The Synergetics Disposable Spetzler-Malis Dual Irrigating Bipolar Forceps are single use product sold sterile and are intended for use in electrosurgery for coagulation and irrigation of tissue.

The Synergetics Disposable Spetzler Malis Irrigating Bipolar Forceps is a sterile single use device. It consists of dual inlet irrigating pathways that run along side of the forceps from the proximal end the distal end. This allows the surgeon to view the surgical field without obstruction allowing the fluid to irrigate through the irrigation module through the forceps.

This document is a 510(k) summary for the Synergetics Disposable Spetzler Malis Dual Irrigating Bipolar Forceps and details its substantial equivalence to a predicate device. It primarily focuses on comparing technical characteristics and non-clinical testing.

Here's an analysis based on your requested information, acknowledging that this type of regulatory submission often doesn't contain detailed study breakdowns in the same way a clinical trial publication would:

1. Table of Acceptance Criteria and Reported Device Performance

The document does not explicitly state "acceptance criteria" in a quantitative, measurable table format for various performance metrics with corresponding numerical results. Instead, it relies on demonstrating substantial equivalence to a predicate device through comparison of technical characteristics and non-clinical testing.

The implicit acceptance criteria are that the new device performs comparably to the predicate device and meets relevant safety standards.

The "study" to prove the device meets these (mostly implicit) acceptance criteria is a sum of:

• Bench testing: Performed to compare the new device's performance to the predicate device.
• Comparative performance testing: Against the predicate device.
• Electrical safety testing: Conducted according to IEC 60601-1, IEC 60601-1-2, and IEC 60601-2-2.
• Risk Management: Implemented in compliance with ISO 14971.
• Sterilization Validation: In accordance with AAMI/ISO 11135.
• Packaging Validation: In accordance with ISO 11607-1:2006.

The conclusion from these tests is that "The non-clinical testing indicates the device performance is substantially equivalent to the predicate and the slight differences raise no new issues of safety and effectiveness."

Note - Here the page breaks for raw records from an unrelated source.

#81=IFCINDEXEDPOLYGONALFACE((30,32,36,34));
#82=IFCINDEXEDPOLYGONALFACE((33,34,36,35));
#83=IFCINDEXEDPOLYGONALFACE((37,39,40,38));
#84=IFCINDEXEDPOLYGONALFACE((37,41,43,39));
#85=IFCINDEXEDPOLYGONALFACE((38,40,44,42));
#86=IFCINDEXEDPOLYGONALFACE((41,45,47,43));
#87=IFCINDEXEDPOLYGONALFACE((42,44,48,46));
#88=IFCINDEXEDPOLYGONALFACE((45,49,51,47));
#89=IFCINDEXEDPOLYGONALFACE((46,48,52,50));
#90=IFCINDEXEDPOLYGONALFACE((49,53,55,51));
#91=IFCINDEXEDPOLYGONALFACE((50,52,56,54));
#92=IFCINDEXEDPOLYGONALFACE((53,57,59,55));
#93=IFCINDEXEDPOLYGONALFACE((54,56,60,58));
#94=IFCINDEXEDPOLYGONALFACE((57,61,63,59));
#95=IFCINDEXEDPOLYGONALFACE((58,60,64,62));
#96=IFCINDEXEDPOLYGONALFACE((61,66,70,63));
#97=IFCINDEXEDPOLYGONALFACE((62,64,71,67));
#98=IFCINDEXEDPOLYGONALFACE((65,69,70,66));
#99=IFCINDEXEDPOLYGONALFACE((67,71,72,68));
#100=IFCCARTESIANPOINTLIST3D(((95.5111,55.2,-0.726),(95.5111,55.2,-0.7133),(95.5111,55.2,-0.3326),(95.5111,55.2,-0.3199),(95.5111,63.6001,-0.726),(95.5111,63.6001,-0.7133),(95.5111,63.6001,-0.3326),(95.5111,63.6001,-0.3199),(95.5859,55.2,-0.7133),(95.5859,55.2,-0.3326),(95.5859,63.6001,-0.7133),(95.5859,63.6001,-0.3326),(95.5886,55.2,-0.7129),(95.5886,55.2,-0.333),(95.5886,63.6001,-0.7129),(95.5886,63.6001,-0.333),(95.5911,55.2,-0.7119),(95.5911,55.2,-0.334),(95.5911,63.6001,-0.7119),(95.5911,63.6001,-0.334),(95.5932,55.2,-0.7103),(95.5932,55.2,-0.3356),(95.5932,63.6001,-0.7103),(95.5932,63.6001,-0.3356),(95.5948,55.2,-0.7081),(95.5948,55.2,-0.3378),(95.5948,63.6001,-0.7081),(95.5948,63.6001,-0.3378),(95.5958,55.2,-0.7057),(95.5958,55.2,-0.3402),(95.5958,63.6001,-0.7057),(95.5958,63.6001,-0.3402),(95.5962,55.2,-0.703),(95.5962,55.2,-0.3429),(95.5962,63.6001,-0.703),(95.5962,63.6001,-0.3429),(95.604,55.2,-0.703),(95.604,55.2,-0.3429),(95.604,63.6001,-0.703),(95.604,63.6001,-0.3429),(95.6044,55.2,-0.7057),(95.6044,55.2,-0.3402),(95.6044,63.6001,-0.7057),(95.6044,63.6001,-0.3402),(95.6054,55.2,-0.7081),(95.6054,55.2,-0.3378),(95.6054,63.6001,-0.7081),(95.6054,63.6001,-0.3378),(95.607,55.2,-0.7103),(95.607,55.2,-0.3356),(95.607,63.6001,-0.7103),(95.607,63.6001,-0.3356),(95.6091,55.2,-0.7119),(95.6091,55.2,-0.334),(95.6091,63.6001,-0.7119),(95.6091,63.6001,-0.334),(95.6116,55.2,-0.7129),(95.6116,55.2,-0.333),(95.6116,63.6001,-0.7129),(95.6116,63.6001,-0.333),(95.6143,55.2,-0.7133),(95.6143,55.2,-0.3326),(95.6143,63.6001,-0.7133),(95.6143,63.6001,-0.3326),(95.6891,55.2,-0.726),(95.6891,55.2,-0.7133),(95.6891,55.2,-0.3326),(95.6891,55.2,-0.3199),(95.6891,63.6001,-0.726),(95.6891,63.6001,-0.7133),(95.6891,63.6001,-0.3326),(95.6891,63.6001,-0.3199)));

2. Sample Size Used for the Test Set and Data Provenance

• Sample Size: The document does not specify a quantitative sample size (e.g., number of units tested) for the bench or comparative performance testing. Typically, regulatory submissions for devices like this demonstrate equivalence through a sufficient number of tests to establish reliability and consistent performance rather than large clinical trial-style sample sizes for a 'test set.'
• Data Provenance: The studies are non-clinical (bench testing) and were conducted by Synergetics, Inc. (the applicant). The country of origin for the data is implicitly the United States, where the company is based. The data is prospective in the sense that the tests were specifically performed to support this 510(k) submission.

3. Number of Experts Used to Establish the Ground Truth for the Test Set and Qualifications

Not applicable. This is a non-clinical device summary. "Ground truth" in the context of expert consensus or pathology is typically associated with diagnostic or prognostic devices, not electrosurgical tools where performance is assessed through engineering and safety standards. The "truth" here is established by adherence to technical specifications and validated performance against a known device.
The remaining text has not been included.